It was reported that endothelial protein C receptor (EPCR) binds protein C (PC) secreted by liver cells (6) and thereby inhibits the coagulation pathway by generation of activated protein C (aPC). Proteolytic cleavage of thrombin bound to thrombomodulin acts on PC to generate aPC. Endothelial protein C is an important regulator of homeostasis, in addition to its involvement in the systemic response to acute inflammation (7–11). On endothelial cells, the aPC, together with its cofactor protein S, degrades factors Va and VIIIa and thereby interferes with thrombin generation and abolishes the coagulation cascade (12). Endogenous aPC is shown to limit cancer cell extravasation through S1P-1-mediated vascular endothelium (13) and also plays a role in innate immune system (14,15).

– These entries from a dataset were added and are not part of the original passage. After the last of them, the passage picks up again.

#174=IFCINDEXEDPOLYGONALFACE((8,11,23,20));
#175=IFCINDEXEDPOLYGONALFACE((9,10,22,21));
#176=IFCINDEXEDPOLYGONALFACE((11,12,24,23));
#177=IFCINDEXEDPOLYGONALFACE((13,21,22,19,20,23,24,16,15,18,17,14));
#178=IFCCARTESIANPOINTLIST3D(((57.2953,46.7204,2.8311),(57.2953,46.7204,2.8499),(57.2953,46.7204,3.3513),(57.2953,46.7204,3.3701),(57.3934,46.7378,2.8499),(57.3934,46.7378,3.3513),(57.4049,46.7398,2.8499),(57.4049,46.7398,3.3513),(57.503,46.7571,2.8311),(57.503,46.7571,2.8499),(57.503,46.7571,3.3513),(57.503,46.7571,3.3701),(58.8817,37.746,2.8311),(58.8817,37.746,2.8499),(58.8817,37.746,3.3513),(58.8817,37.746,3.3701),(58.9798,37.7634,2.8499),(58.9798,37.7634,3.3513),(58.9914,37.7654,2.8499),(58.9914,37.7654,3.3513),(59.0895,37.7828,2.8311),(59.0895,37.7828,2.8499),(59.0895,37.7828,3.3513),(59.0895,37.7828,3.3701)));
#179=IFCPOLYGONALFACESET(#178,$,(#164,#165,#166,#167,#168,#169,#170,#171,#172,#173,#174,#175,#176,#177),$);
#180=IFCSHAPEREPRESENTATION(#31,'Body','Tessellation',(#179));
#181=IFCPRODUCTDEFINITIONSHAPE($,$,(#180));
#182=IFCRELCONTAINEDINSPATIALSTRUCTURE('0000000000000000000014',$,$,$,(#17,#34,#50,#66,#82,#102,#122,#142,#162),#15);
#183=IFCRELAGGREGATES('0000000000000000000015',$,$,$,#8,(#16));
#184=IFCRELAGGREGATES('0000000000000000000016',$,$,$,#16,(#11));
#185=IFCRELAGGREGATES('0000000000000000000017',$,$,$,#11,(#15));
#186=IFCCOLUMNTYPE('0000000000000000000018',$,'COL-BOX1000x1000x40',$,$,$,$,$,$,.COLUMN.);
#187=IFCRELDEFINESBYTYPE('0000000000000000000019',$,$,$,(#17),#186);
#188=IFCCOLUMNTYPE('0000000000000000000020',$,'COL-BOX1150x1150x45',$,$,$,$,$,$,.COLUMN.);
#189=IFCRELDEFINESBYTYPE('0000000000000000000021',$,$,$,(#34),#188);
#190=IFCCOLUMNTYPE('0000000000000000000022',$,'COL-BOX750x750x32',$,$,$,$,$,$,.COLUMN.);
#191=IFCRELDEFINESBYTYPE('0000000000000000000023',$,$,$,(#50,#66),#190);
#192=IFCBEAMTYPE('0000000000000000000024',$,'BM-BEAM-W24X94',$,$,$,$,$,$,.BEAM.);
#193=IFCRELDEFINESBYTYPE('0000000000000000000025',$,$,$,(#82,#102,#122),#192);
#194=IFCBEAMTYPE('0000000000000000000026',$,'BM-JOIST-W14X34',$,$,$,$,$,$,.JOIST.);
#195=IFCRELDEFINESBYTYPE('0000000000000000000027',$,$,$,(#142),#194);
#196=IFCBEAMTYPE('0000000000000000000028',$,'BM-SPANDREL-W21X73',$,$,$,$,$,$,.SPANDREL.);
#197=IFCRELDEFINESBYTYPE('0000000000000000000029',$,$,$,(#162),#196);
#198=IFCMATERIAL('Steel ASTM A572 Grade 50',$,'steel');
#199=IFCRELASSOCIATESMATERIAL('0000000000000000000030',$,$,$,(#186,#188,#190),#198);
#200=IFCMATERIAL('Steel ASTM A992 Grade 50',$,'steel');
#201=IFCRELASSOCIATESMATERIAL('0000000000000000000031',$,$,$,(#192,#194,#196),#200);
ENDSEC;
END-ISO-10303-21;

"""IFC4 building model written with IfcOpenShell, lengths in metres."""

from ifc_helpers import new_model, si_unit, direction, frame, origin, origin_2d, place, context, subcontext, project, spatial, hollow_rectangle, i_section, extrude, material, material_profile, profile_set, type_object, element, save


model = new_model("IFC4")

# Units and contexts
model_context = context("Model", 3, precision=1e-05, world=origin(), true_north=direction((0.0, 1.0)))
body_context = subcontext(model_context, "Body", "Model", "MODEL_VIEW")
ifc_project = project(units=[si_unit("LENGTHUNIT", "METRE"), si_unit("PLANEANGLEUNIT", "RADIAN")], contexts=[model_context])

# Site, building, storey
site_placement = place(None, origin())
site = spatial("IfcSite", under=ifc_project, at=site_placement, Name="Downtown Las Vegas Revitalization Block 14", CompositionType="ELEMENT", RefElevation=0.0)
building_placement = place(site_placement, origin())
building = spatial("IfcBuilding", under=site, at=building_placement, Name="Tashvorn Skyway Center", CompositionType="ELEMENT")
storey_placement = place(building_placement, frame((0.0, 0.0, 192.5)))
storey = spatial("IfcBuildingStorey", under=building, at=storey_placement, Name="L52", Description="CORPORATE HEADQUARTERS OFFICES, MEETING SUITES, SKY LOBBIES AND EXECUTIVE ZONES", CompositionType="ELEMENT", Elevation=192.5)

Originally, EPCR was shown to be expressed on endothelial cells of large blood vessels but not in liver sinosuoidal and spleen endothelial cells (16). EPCR (CD201) expression is also detected in some inflammatory cells such as monocytes and neutrophils (17). Some authors claim that EPCR could be considered as a cancer stem cell marker (18). EPCR exists as membrane bound as well as free soluble endothelial protein C receptor (sEPCR) form (19). In fact, sEPCR, can regulate the quantity of circulating aPC and influence the clotting of plasma (20). Ligand binding to EPCR promotes endocytosis of EPCR (21) via the Rab GTPase pathway (22). aPC/EPCR interaction can directly modulate cell signaling and alter gene expression in inflammation and apoptosis (23) and also provide cytoprotection via PAR-1 activation (24).
We previously demonstrated the expression of EPCR in a large number of cancer cell lines, in solid tumors (25) and malignant hemophaties. This led us to suggest that plasmatic sEPCR can be considered as a biomarker of cancer-associated hypercoagulability in human hematologic malignancies (26).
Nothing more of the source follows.